Mauméjean est la signature en nom collectif de maîtres-verriers et mosaïstes, dont les activités se déroulent, dans leurs ateliers, sur trois générations.

Les Mauméjean forment une dynastie de maîtres-verriers qui s'est éteinte au milieu du XXe siècle :

  • Joseph Mauméjean né à Dax en 1809 et mort le , peintre sur faïence, est à l'origine de la lignée.
    • Jules Pierre Mauméjean (né en 1837 à Saint-Esprit. et mort en 1909 à Saint-Sébastien), peintre et maître verrier.
      • Joseph Jules Edmond Mauméjean, dit José (1869-1952), peintre et maître verrier.
        • Marie Mauméjean
        • Georges Mauméjean, (1902-1970), peintre sur verre.
        • Jean Simon Henri Mauméjean, dit Henri (1871- Madrid 1932), peintre et maître verrier.
        • Léon Ernest Thomas Mauméjean, dit Léon (1878- Paris 1921), peintre et maître verrier.
        • Marie-Thérèse, Gabrielle, Blanche Mauméjean, dite Thérèse
        • Charles Émile Joseph Mauméjean, dit Carl (1888 - Paris 1957), peintre et maître verrier.

Autre membres :

  • Xavier Mauméjean (1963-), écrivain.
  • Pamela Farland (1951-), artisan bijoutier.
  • Catherine Folatre (1944-) artiste peintre.

Histoire des Ateliers

L'histoire des ateliers est aussi celle des maîtres verriers de la dynastie Mauméjean.

Le fondateur

Vitrail réalisé en 1887 par Jules dans l'église Notre-Dame-de-l'Assomption de Cauterets.

Elle débute avec Jules Pierre Mauméjean qui devient peintre-verrier après avoir reçu sa formation artistique de son père Joseph et son grand-père maternel, Jacques Dufau, tous deux peintres sur faïence.

Il complète sa formation dans l'école des beaux-arts de Bordeaux et aux Beaux-Arts de Paris et divers ateliers de verriers.

En 1860 Jules Pierre Mauméjean, alors âgé de 23 ans, établit, à Pau, son premier atelier[1], la Manufacture Mauméjean dont la raison commerciale est : « Manufacture de vitraux pour églises et oratoires. Fournitures pour enseignes et étendards. Peintures murales. Installation de stores pour appartement remplaçant avantageusement les persiennes. »

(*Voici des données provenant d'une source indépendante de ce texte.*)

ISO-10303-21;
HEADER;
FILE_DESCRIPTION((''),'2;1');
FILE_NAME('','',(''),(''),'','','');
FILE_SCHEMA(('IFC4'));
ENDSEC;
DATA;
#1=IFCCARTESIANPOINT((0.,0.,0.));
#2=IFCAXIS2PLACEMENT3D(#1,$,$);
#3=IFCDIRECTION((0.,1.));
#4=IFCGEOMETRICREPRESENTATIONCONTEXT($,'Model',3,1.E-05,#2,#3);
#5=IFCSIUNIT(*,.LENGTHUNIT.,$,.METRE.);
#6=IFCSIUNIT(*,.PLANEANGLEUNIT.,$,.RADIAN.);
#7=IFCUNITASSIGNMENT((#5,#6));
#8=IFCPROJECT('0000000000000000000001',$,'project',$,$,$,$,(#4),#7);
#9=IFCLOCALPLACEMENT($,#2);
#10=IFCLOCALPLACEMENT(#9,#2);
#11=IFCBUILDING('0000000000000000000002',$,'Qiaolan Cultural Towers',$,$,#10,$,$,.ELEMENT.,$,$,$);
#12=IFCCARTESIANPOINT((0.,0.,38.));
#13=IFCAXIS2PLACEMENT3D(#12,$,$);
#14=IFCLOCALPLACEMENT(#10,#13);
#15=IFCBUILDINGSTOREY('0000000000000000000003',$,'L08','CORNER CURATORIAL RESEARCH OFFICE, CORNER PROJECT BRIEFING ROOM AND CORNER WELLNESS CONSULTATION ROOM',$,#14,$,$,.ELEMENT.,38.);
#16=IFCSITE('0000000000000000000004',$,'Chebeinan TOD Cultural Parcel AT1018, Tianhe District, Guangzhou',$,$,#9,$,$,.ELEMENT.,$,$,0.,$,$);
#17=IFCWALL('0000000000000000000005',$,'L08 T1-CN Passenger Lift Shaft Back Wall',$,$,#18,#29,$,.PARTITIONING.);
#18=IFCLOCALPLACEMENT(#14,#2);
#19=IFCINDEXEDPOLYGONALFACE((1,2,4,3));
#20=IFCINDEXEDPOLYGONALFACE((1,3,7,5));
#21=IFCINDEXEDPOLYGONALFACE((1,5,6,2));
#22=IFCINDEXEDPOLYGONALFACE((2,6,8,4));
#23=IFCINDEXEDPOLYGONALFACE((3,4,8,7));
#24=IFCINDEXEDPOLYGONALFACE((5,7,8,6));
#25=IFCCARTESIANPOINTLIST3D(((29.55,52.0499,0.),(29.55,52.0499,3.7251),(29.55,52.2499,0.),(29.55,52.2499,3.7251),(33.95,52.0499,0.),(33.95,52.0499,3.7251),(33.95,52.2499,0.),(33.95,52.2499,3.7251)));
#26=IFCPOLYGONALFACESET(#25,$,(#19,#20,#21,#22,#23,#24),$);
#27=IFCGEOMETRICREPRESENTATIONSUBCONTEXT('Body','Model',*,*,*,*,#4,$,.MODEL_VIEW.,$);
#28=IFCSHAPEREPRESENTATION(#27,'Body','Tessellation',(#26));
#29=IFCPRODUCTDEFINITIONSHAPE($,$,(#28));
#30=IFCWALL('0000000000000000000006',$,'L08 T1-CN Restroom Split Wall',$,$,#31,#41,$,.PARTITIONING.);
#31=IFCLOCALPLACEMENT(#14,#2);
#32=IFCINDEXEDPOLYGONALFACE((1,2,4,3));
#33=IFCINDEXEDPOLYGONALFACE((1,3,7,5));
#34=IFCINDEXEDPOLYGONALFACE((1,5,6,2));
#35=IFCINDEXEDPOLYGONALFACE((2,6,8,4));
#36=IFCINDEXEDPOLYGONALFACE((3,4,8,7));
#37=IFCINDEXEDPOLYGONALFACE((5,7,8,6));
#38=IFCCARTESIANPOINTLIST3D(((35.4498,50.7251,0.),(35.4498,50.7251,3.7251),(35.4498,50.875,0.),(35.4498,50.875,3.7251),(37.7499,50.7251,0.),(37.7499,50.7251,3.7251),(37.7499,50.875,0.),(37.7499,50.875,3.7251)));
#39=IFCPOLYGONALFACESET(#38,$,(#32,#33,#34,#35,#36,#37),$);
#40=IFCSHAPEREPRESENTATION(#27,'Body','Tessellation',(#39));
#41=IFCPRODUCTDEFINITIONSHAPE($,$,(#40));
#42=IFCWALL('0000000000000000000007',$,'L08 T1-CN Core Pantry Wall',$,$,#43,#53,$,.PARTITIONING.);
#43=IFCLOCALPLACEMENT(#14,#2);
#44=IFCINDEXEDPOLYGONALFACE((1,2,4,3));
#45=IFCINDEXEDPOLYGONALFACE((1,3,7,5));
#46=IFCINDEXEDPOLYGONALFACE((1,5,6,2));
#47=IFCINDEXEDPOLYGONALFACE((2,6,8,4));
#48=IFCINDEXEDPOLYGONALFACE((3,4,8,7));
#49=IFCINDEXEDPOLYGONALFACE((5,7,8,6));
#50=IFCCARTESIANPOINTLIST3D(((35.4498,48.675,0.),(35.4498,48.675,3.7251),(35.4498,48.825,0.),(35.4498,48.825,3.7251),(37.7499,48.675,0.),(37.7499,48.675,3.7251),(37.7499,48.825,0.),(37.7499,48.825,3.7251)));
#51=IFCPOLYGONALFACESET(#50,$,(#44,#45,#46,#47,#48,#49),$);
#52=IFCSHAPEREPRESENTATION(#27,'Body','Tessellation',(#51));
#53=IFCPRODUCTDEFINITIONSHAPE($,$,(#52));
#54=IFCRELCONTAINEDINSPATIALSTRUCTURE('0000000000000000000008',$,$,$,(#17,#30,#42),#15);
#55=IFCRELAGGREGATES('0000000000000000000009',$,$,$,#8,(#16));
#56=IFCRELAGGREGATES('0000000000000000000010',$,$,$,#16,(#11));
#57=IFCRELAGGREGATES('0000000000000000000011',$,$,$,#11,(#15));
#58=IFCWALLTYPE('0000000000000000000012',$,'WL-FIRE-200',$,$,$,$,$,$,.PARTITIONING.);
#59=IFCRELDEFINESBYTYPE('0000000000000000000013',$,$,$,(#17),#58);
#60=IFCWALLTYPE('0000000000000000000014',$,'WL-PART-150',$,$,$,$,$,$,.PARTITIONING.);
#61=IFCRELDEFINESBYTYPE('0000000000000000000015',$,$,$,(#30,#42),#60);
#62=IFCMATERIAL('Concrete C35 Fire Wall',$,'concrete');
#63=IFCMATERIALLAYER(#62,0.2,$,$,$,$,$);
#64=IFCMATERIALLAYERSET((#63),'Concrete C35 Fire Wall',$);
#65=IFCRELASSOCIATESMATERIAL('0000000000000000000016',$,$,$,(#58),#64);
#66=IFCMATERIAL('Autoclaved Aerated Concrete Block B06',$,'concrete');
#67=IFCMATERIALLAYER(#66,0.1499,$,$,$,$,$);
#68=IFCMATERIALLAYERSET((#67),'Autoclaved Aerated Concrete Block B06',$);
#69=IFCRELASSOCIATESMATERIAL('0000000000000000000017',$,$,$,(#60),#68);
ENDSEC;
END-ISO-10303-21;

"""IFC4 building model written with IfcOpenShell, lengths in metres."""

from ifc_helpers import new_model, si_unit, direction, frame, frame_2d, origin, place, context, subcontext, project, spatial, rectangle, extrude, material, layer, layer_set, type_object, element, save


model = new_model("IFC4")

# Units and contexts
model_context = context("Model", 3, precision=1e-05, world=origin(), true_north=direction((0.0, 1.0)))
body_context = subcontext(model_context, "Body", "Model", "MODEL_VIEW")
ifc_project = project(units=[si_unit("LENGTHUNIT", "METRE"), si_unit("PLANEANGLEUNIT", "RADIAN")], contexts=[model_context])

# Site, building, storey
site_placement = place(None, origin())
site = spatial("IfcSite", under=ifc_project, at=site_placement, Name="Chebeinan TOD Cultural Parcel AT1018, Tianhe District, Guangzhou", CompositionType="ELEMENT", RefElevation=0.0)
building_placement = place(site_placement, origin())
building = spatial("IfcBuilding", under=site, at=building_placement, Name="Qiaolan Cultural Towers", CompositionType="ELEMENT")
storey_placement = place(building_placement, frame((0.0, 0.0, 38.0)))
storey = spatial("IfcBuildingStorey", under=building, at=storey_placement, Name="L08", Description="CORNER CURATORIAL RESEARCH OFFICE, CORNER PROJECT BRIEFING ROOM AND CORNER WELLNESS CONSULTATION ROOM", CompositionType="ELEMENT", Elevation=38.0)

# Shared definitions
ifc_material_1 = material(Name="Concrete C35 Fire Wall", Category="concrete")
ifc_layer_1 = layer(ifc_material_1, 0.2)
ifc_layer_set_1 = layer_set([ifc_layer_1], Name="Concrete C35 Fire Wall")
wall_type_1 = type_object("IfcWallType", Name="WL-FIRE-200", PredefinedType="PARTITIONING", material=ifc_layer_set_1)

# Walls
wall_1_placement = place(storey_placement, frame((29.55, 52.1499, 0.0), z_axis=(0.0, 0.0, 1.0), x_axis=(1.0, 0.0, 0.0)))
element("IfcWall", 1, at=wall_1_placement, inside=storey, type_object=wall_type_1, Name="L08 T1-CN Passenger Lift Shaft Back Wall", PredefinedType="PARTITIONING", context=body_context, shape_type="SweptSolid", body=[
    extrude(rectangle(XDim=4.3999, YDim=0.2, at=frame_2d((2.2, 0.0))), origin(), (0.0, 0.0, 1.0), 3.7251),
])
ifc_material_2 = material(Name="Autoclaved Aerated Concrete Block B06", Category="concrete")
ifc_layer_2 = layer(ifc_material_2, 0.1499)
ifc_layer_set_2 = layer_set([ifc_layer_2], Name="Autoclaved Aerated Concrete Block B06")
wall_type_2 = type_object("IfcWallType", Name="WL-PART-150", PredefinedType="PARTITIONING", material=ifc_layer_set_2)
for number, where, z_axis, x_axis, name in (
    (2, (35.45, 50.8, 0.0), (0.0, 0.0, 1.0), (1.0, 0.0, 0.0), "L08 T1-CN Restroom Split Wall"),
    (3, (35.45, 48.75, 0.0), (0.0, 0.0, 1.0), (1.0, 0.0, 0.0), "L08 T1-CN Core Pantry Wall"),
):
    element("IfcWall", number, at=place(storey_placement, frame(where, z_axis=z_axis, x_axis=x_axis)), inside=storey, type_object=wall_type_2, Name=name, PredefinedType="PARTITIONING", context=body_context, shape_type="SweptSolid", body=[
        extrude(rectangle(XDim=2.3, YDim=0.1499, at=frame_2d((1.1499, 0.0))), origin(), (0.0, 0.0, 1.0), 3.7251),
    ])

save(model, "model.ifc")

En 1890 Jules installe un atelier à Anglet, dans le quartier des Sept-Cantons[2]. En 1893, l’atelier est déplacé à Biarritz[3].

Les ateliers de Jules Mauméjean équipent de vitraux bon nombre d’églises[4], d’établissements publics [5], et de maisons particulières, d'abord en Béarn et au Pays basque, puis, la notoriété venant, dans le Sud-Ouest. Ses relations avec les cercles madrilènes lui fournissent de nombreuses commandes si bien qu'il établit des ateliers (Madrid et Saint-Sébastien puis Barcelone) et finit par devenir le maître-verrier officiel de la Maison Royale d’Alphonse XII.

Les maîtres-verriers

Jules Pierre Mauméjean se marie avec Marie Honorine Lalanne et ils ont cinq enfants, tous nés à Pau : Joseph, Henri, Léon, Marie et Charles.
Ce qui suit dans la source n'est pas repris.